Point in Time Joins and Slowly Changing Dimensions
The Point in Time Join Problem
Point in time joins ensure features computed as of timestamp t only use dimension and aggregate values valid strictly before t. For a user purchase count feature evaluated on January 15th, you must join to user profile, product catalog, and historical aggregates as they existed on January 14th or earlier. Using current state introduces label leakage that inflates training metrics.
Slowly Changing Dimensions
User attributes change over time: addresses, subscription tiers, preferences. A Slowly Changing Dimension (SCD) table tracks these changes with valid from and valid to timestamps. Point in time joins select the SCD record where valid from is less than or equal to feature timestamp and valid to is greater than feature timestamp, reconstructing the state at that historical moment.
Implementation in Spark
Implement as of joins using window functions or range joins. Partition facts by entity and date, partition dimensions by entity. For each fact row, find the most recent dimension row with timestamp less than or equal to fact timestamp. Optimize using bucketing on entity ID and sorting by timestamp to enable merge joins instead of broadcast or shuffle hash joins.

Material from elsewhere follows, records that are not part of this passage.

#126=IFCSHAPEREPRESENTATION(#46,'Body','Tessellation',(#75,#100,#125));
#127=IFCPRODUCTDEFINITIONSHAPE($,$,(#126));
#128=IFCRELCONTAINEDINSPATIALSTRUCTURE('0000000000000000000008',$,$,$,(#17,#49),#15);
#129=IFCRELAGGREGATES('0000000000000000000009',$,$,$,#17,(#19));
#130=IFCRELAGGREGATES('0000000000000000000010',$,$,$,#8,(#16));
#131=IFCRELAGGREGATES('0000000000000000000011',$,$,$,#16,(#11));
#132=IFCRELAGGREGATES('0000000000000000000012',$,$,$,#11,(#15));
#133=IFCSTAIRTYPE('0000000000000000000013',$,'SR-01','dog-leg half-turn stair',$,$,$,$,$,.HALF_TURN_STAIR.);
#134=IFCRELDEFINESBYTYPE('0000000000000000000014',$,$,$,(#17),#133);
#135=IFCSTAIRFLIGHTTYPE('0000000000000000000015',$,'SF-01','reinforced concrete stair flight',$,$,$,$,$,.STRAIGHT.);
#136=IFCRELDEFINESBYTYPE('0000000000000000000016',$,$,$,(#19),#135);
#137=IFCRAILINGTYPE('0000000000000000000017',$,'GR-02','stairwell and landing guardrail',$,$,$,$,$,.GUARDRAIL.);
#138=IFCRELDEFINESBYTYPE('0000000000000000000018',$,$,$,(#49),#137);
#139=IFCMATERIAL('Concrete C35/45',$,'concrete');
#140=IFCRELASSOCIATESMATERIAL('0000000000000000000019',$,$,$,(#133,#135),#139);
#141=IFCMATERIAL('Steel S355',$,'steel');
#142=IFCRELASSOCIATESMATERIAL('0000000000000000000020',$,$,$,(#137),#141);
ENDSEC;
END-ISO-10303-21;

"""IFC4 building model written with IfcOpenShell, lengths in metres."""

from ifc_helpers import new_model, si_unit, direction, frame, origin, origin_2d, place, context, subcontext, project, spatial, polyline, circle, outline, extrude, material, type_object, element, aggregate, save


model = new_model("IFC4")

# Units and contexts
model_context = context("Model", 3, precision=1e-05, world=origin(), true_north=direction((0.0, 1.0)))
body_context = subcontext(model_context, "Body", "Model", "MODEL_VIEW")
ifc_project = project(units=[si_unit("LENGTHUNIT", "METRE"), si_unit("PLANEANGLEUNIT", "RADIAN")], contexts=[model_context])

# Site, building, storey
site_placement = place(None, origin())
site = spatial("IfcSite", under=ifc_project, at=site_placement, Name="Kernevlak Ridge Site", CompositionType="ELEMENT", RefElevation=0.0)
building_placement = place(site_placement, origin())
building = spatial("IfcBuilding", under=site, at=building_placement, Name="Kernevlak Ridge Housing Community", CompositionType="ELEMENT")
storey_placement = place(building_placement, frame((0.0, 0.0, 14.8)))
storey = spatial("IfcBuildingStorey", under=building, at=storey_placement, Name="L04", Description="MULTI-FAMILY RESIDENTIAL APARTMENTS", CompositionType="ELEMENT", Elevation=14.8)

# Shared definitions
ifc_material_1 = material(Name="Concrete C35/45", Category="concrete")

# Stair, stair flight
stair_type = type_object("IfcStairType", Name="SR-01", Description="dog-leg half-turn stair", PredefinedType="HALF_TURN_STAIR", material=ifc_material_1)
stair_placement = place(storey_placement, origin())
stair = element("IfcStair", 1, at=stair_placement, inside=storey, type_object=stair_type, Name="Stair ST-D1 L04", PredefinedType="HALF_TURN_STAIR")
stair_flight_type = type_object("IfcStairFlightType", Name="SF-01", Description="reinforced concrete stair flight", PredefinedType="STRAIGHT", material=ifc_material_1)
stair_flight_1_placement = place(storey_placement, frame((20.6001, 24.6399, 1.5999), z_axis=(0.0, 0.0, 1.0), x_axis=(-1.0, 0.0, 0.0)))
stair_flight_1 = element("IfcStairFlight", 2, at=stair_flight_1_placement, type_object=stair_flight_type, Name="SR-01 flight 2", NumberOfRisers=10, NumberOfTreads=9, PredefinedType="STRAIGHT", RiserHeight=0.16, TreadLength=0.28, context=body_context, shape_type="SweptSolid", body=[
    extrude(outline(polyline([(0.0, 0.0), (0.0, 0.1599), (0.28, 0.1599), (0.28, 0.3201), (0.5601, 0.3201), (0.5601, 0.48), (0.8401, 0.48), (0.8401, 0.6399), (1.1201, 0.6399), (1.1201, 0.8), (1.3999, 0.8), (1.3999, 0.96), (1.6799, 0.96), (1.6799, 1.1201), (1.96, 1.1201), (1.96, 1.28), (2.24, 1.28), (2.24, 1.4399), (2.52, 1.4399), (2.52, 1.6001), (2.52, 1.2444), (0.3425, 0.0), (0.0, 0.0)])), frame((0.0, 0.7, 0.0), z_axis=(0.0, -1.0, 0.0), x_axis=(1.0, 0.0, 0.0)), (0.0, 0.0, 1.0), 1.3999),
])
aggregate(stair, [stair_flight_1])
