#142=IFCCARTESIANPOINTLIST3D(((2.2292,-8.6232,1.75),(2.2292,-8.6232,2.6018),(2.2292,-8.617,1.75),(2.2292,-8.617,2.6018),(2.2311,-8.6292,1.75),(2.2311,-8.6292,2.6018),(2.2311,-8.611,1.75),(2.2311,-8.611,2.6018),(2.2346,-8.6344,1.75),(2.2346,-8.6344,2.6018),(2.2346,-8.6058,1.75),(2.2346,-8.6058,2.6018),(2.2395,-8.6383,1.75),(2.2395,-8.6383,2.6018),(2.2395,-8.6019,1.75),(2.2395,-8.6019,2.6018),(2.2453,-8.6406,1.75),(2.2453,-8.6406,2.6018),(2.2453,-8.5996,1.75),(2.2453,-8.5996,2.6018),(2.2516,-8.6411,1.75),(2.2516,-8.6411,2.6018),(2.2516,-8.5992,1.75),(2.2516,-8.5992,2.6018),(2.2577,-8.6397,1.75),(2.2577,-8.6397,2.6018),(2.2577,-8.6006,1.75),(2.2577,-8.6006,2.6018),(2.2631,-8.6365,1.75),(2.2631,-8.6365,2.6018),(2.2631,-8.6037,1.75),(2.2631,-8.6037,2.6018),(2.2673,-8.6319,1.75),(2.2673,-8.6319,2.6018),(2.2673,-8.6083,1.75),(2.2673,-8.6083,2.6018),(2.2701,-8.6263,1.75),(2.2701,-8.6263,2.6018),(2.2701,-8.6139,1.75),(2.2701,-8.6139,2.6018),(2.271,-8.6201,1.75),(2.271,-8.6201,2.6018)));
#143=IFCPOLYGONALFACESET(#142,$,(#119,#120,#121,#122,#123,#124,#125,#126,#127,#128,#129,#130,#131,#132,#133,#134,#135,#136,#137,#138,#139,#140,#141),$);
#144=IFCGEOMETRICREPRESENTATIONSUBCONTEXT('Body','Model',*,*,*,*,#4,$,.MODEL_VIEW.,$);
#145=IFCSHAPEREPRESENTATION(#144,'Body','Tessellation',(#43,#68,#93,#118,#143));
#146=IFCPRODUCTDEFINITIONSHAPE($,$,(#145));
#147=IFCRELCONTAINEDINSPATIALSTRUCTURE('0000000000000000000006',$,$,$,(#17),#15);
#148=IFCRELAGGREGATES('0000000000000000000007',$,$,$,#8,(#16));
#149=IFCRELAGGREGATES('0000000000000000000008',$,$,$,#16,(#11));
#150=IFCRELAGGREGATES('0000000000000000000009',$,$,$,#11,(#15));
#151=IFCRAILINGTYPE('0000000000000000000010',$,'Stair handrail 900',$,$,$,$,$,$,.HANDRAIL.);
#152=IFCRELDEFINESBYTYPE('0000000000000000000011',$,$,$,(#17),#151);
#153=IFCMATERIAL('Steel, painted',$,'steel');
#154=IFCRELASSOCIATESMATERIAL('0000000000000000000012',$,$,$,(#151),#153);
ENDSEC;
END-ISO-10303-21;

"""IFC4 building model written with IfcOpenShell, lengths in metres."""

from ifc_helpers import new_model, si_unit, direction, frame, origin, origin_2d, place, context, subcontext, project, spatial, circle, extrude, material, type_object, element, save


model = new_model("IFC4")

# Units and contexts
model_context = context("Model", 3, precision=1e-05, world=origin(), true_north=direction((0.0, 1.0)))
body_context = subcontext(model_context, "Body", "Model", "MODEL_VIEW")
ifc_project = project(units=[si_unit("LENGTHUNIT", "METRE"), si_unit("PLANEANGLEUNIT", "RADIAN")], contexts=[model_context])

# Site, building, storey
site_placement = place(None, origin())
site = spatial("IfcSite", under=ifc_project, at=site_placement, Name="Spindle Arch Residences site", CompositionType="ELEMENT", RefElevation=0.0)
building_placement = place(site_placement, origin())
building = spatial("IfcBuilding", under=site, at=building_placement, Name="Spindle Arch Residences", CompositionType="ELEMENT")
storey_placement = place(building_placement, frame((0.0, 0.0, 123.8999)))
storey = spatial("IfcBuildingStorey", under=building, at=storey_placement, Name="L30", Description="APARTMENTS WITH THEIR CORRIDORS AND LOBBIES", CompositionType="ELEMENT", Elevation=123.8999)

Aggregate Feature Backfills
Rolling aggregates (purchases in last 30 days) require special handling. For each training row, you cannot simply compute the current 30 day aggregate; you must compute the 30 day aggregate as of that row timestamp. This means the aggregation window shifts for each row, dramatically increasing compute versus a single current window.
Validation Checks
Assert that no joined dimension timestamp exceeds the fact timestamp. Run anti join queries in CI to catch point in time violations before training begins. A single leaked future value can corrupt thousands of training examples.